Freight gridlock at Shanghai Pudong International Airport is so bad that some cargo planes are being forced to leave nearly empty and logistics professionals are recommending ocean transportation as a faster option. Airfreight professionals describe an operational meltdown, with trucks stuck in queues for two to three days to drop off shipments and boxes piling up in warehouses unable to get put on aircraft because Chinese customs officials and ground handlers are overwhelmed by the surge in export demand for face masks and other medical supplies.
The volume of hospital gear, resumption of e-commerce and other trade following China’s coronavirus quarantine and new export restrictions are blamed for the massive backlog, which was compounded by factories rushing out extra shipments before closing for the May Day holiday. With factories reopening, there is no sign of these backlog alleviating in a few, even 10 days or more.
An avalanche of medical gear is descending on Chinese airports because the rest of the world desperately needs it to minimize exposure to the COVID-19 virus and air is the fastest delivery method. The onslaught of goods is running into a compliance “wall" and piling up. Last month, Chinese authorities placed export controls on 11 types of medical supplies, including infrared thermometers, after complaints in Europe and the U.S. about low-quality purchases. Chinese-made N95 respirators failed in several tests to meet filtering standards for small particles, while non-medical masks are also being sold as medical-grade ones. In addition to special certification, all the shipments must be individually inspected and verified by customs authorities to make sure they are not defective or fraudulent.

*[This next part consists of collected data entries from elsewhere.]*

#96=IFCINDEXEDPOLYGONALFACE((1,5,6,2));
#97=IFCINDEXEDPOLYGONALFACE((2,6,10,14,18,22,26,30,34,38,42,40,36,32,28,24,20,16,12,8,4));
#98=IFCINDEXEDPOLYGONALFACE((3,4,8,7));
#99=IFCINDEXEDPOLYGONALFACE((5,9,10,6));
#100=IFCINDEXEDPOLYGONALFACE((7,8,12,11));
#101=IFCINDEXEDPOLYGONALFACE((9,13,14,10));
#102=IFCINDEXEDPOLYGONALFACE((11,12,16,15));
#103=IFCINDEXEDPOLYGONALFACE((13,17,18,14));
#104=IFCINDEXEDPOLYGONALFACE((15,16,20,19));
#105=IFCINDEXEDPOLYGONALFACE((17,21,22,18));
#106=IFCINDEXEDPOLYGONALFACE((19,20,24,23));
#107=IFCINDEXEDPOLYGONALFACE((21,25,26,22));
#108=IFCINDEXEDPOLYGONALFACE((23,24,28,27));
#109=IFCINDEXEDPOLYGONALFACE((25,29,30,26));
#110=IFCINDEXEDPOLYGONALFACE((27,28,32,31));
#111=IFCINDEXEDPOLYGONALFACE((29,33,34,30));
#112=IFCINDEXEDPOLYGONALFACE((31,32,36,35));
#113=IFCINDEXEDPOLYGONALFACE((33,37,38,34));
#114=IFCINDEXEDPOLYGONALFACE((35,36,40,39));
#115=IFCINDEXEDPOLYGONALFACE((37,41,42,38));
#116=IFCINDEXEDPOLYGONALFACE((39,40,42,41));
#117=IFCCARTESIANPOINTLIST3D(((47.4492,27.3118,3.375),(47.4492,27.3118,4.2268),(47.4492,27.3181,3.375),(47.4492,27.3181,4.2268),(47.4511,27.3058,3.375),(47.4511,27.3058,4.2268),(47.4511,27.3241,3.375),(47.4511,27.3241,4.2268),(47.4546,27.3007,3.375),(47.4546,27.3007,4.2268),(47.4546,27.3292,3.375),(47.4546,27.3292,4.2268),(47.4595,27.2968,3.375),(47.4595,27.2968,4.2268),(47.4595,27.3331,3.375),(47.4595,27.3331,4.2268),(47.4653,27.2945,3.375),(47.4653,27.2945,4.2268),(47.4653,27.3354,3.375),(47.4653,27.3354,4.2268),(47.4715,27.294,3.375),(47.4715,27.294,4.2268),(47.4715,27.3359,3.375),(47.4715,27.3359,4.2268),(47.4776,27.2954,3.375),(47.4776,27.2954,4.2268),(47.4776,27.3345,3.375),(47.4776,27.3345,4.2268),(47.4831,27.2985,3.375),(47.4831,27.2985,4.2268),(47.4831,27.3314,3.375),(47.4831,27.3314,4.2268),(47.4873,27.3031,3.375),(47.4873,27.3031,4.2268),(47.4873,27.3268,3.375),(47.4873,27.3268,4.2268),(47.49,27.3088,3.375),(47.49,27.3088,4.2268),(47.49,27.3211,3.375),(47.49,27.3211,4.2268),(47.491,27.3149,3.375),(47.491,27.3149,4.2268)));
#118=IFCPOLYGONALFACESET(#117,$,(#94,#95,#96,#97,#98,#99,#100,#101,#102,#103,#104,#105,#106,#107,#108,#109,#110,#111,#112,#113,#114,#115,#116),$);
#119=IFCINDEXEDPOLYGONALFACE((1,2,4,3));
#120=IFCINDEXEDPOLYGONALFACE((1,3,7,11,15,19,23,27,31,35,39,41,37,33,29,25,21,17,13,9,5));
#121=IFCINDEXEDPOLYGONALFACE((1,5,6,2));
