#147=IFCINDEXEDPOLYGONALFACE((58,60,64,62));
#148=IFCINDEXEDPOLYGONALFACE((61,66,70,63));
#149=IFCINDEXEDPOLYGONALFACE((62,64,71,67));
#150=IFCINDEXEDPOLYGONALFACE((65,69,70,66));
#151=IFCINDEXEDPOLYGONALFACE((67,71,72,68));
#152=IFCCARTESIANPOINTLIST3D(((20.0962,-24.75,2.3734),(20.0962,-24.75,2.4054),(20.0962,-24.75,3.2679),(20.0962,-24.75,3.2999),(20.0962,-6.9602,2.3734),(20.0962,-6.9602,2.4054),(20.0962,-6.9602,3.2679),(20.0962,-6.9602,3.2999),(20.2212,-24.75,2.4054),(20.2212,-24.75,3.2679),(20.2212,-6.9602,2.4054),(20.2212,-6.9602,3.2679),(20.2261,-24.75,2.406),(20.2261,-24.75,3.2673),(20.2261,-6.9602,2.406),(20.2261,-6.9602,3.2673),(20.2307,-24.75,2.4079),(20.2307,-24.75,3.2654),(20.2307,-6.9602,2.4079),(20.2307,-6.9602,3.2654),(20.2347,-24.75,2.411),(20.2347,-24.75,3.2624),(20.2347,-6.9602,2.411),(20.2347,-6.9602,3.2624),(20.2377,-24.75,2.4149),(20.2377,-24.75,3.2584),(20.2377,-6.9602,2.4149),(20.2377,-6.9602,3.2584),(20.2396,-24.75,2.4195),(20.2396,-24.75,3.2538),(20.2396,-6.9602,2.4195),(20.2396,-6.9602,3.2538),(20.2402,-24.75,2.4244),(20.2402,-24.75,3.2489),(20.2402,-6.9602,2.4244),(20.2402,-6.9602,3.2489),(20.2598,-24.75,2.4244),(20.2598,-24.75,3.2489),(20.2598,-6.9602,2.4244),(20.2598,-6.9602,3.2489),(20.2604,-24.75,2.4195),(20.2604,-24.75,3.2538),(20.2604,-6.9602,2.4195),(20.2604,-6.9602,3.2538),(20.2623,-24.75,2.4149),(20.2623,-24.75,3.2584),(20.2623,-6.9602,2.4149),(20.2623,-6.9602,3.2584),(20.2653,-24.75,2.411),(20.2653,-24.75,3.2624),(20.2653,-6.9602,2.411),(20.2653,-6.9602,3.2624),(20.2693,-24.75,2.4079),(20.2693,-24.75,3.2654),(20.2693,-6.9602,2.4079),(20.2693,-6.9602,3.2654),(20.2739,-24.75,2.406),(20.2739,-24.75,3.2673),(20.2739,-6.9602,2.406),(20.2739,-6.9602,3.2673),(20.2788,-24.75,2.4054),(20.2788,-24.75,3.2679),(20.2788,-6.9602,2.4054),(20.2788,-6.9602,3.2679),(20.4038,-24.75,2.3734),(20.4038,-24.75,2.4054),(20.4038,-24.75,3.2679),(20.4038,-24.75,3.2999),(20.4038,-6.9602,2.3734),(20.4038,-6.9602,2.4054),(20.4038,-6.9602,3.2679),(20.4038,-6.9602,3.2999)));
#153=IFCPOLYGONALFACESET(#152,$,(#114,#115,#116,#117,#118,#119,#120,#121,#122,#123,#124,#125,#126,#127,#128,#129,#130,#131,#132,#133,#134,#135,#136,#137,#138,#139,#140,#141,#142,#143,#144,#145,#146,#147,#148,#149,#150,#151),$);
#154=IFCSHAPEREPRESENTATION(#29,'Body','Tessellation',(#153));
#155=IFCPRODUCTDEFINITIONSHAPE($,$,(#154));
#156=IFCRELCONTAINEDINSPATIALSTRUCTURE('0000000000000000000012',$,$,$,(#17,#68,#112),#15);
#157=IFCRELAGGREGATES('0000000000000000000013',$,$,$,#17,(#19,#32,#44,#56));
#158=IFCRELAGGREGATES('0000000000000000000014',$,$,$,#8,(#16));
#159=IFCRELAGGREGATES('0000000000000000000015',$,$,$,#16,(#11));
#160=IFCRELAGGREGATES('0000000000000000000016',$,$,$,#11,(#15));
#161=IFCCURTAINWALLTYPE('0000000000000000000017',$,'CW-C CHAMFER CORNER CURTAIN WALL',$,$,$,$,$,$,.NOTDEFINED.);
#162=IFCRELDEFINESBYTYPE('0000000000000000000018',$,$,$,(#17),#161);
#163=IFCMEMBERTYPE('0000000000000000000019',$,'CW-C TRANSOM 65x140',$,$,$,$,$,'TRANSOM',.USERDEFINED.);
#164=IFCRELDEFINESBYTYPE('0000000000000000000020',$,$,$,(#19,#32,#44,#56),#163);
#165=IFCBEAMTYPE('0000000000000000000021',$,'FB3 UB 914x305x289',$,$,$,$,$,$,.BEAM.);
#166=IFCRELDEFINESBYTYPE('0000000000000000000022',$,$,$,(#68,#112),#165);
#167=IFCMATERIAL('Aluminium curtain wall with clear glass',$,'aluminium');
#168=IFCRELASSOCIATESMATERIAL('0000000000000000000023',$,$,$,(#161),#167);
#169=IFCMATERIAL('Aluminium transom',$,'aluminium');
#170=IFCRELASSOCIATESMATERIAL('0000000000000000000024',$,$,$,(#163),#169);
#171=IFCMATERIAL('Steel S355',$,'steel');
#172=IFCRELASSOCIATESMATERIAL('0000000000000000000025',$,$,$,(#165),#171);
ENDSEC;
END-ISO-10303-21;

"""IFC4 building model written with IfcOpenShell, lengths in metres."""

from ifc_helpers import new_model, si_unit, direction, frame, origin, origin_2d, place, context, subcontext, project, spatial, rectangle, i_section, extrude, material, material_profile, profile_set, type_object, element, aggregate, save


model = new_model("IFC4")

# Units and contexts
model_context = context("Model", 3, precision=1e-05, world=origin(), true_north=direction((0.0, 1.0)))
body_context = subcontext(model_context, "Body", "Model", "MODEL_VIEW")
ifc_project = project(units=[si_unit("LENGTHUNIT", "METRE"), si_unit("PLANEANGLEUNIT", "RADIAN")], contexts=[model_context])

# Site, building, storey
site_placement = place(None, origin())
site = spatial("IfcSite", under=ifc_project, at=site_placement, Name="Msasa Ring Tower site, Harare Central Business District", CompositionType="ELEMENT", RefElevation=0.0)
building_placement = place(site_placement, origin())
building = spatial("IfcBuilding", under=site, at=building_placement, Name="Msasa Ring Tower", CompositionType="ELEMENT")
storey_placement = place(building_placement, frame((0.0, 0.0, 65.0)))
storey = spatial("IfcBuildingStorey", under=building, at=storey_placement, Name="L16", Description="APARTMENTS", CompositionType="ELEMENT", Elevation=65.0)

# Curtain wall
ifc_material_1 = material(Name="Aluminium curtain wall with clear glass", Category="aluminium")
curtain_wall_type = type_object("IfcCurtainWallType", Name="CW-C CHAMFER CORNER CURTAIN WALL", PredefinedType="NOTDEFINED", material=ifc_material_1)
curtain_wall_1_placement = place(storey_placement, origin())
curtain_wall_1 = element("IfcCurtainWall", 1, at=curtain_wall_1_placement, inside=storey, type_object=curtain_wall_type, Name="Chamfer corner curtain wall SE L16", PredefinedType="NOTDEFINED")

China’s new policy has forced forwarders to cancel many bookings because export shipments are regularly failing customs inspections. It now takes on average, five to six days for shipments to get from the manufacturer’s dock onto a plane due to the increased inspections.
In addition to several cargo terminals temporarily not accepting shipments in an effort to clear backlogs, trucks are sitting in traffic jams on the road at the entrance of the Pudong airport, for days in some cases. “Even after shipments are cleared, they can sit in a warehouse because ground handling companies often don’t have enough labour to consolidate shipments for aircraft loading,” one expert added.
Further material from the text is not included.